# Finally Got a new boat planning a trip late next week



## CaptAlex (Apr 26, 2013)

After two years of searching I finally pulled the trigger and purchased a 31 Rampage express...Ready to go.....Survived the Survey and sea trials and all fueled up.....Any reports on Swords, Tuna etc..recently moved back to Pensacola after several years in Texas and Caribbean.


----------



## samoajoe (Dec 28, 2010)

Awesome battle wagon! Bend a pole and let us know how she handled.


----------



## Chris V (Oct 18, 2007)

Great looking boat Alex! There aren't a ton of reports right now because the weather hasn't really allowed many reports to be made 

That will change for sure after this weekend


----------



## MSViking (Oct 11, 2007)

Congrats Alex!
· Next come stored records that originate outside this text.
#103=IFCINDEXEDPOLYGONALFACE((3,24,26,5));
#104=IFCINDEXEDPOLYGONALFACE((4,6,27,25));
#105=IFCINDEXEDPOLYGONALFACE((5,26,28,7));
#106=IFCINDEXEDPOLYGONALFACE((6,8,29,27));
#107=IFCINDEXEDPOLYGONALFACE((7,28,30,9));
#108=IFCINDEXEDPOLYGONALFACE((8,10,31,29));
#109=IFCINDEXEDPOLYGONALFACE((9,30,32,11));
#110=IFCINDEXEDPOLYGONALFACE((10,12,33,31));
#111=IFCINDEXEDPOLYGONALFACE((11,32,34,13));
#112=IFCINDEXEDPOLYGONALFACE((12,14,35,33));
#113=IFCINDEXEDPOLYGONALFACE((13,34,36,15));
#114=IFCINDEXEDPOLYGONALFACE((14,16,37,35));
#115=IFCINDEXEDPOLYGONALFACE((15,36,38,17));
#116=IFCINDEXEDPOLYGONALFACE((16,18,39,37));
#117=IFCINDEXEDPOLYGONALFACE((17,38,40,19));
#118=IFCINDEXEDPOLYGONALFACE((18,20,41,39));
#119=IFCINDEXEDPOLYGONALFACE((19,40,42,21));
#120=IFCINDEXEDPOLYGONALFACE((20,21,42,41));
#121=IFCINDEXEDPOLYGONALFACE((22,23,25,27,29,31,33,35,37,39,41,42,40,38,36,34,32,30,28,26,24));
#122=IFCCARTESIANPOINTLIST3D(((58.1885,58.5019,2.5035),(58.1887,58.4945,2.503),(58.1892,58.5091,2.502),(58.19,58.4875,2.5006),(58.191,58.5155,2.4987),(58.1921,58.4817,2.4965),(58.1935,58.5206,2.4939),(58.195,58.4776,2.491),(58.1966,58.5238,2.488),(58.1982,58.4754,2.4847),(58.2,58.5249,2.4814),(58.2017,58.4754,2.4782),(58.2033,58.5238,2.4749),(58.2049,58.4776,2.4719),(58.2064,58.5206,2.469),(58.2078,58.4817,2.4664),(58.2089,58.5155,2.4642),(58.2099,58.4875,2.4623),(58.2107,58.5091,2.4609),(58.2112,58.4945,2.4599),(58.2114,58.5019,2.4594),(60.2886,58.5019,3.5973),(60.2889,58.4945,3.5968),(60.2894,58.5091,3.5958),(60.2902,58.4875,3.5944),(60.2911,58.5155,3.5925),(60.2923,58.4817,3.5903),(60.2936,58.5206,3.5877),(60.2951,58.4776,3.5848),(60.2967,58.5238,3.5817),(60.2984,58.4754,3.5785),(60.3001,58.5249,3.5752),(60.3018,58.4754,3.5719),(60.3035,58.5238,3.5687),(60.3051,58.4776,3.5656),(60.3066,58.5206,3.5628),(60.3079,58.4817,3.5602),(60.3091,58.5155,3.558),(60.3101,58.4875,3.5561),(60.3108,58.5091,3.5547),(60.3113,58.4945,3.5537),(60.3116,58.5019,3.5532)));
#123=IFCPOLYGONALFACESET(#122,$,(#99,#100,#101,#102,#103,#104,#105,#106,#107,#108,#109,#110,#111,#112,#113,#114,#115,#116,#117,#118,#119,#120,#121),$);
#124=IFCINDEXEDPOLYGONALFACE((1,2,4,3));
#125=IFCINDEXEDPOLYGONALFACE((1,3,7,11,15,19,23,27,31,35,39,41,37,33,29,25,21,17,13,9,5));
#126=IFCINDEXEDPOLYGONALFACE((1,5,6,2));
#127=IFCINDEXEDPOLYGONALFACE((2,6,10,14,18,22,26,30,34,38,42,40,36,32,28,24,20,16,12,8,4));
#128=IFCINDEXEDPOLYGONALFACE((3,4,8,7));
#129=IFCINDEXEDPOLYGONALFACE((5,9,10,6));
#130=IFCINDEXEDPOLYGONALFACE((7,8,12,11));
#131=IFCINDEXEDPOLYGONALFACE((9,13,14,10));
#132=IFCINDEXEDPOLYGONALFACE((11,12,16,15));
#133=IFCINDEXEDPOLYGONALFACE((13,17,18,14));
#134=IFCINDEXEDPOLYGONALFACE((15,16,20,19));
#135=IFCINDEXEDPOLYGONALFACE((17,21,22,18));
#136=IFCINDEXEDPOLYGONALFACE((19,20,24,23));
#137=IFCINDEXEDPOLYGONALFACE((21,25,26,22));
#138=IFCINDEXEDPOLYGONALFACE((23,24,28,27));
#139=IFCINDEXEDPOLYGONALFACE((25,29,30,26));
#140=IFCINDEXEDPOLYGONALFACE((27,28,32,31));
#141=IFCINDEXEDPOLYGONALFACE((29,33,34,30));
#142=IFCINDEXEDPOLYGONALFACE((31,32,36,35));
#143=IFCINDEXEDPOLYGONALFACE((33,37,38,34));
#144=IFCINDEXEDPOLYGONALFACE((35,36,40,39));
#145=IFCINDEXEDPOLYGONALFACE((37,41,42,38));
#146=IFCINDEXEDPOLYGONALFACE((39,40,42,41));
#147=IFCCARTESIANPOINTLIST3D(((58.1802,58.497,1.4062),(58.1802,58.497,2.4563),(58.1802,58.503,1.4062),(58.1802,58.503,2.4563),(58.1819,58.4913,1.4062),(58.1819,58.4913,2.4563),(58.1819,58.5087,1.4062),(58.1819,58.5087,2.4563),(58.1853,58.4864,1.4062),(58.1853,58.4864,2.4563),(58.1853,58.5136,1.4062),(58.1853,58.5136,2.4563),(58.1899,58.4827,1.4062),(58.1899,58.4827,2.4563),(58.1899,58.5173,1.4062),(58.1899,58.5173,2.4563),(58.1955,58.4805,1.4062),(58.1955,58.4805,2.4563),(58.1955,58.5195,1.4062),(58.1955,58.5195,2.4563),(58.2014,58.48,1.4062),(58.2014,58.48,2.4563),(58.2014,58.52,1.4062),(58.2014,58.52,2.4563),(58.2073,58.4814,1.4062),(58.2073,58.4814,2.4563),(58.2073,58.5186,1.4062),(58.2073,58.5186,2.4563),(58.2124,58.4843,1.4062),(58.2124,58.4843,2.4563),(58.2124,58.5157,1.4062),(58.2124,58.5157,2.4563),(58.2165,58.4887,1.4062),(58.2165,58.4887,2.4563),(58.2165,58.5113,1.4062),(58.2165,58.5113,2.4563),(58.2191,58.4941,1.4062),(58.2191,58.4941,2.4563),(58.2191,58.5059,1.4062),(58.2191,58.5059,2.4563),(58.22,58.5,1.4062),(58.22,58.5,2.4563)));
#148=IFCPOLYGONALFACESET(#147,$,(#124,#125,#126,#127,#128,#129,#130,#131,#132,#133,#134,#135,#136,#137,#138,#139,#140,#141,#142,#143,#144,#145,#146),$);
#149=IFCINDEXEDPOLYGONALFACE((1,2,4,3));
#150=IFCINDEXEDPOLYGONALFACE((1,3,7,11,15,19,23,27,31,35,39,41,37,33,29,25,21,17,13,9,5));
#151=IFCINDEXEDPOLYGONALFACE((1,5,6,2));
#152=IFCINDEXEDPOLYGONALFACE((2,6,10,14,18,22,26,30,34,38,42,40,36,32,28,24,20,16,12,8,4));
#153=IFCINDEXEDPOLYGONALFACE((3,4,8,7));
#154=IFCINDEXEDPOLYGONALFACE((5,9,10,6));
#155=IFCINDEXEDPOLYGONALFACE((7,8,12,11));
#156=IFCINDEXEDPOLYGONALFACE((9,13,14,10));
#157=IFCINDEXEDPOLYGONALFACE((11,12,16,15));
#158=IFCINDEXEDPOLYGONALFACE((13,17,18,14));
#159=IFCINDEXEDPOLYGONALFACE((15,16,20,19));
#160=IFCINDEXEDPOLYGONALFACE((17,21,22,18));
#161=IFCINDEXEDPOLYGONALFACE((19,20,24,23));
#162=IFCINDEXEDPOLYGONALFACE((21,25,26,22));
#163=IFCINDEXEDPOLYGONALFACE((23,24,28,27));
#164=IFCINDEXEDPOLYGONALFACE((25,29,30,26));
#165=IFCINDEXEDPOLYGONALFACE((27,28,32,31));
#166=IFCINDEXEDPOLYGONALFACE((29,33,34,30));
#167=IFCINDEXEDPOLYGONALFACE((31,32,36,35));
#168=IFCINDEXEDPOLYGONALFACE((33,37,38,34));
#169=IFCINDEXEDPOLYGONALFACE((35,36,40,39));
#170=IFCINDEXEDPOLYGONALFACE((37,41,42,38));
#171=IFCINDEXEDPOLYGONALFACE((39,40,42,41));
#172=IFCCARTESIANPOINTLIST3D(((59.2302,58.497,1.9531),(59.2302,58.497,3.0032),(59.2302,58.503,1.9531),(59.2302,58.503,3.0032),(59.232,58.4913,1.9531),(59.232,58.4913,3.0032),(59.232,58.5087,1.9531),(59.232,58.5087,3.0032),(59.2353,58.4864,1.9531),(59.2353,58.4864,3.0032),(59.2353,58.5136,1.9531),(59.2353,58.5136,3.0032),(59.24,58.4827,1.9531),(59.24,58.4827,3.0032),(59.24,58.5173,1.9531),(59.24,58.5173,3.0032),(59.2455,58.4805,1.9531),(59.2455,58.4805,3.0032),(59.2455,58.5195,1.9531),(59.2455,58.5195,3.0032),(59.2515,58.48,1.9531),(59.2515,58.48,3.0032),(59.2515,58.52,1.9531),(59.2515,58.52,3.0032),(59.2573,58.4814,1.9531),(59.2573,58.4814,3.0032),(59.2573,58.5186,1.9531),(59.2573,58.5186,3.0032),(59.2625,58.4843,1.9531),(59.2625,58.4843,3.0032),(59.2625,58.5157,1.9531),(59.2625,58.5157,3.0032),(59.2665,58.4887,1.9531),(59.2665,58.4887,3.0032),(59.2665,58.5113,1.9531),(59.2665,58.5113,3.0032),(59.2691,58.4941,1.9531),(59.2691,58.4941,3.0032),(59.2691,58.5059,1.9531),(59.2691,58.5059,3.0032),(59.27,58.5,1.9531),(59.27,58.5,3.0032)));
I have always liked the lines and looks of Rampage.

Robert


----------



## Frenchy (Oct 2, 2007)

Congrats on the new acquisition, nice setup, just curious, is this Jeff's boat, Gump on here ? All the best regardless and go catch them:thumbsup:


----------



## CaptAlex (Apr 26, 2013)

Thanks for all the kind words....The boat was owned by a partnership and I do believe Jeff (Currently overseas?) was one....


----------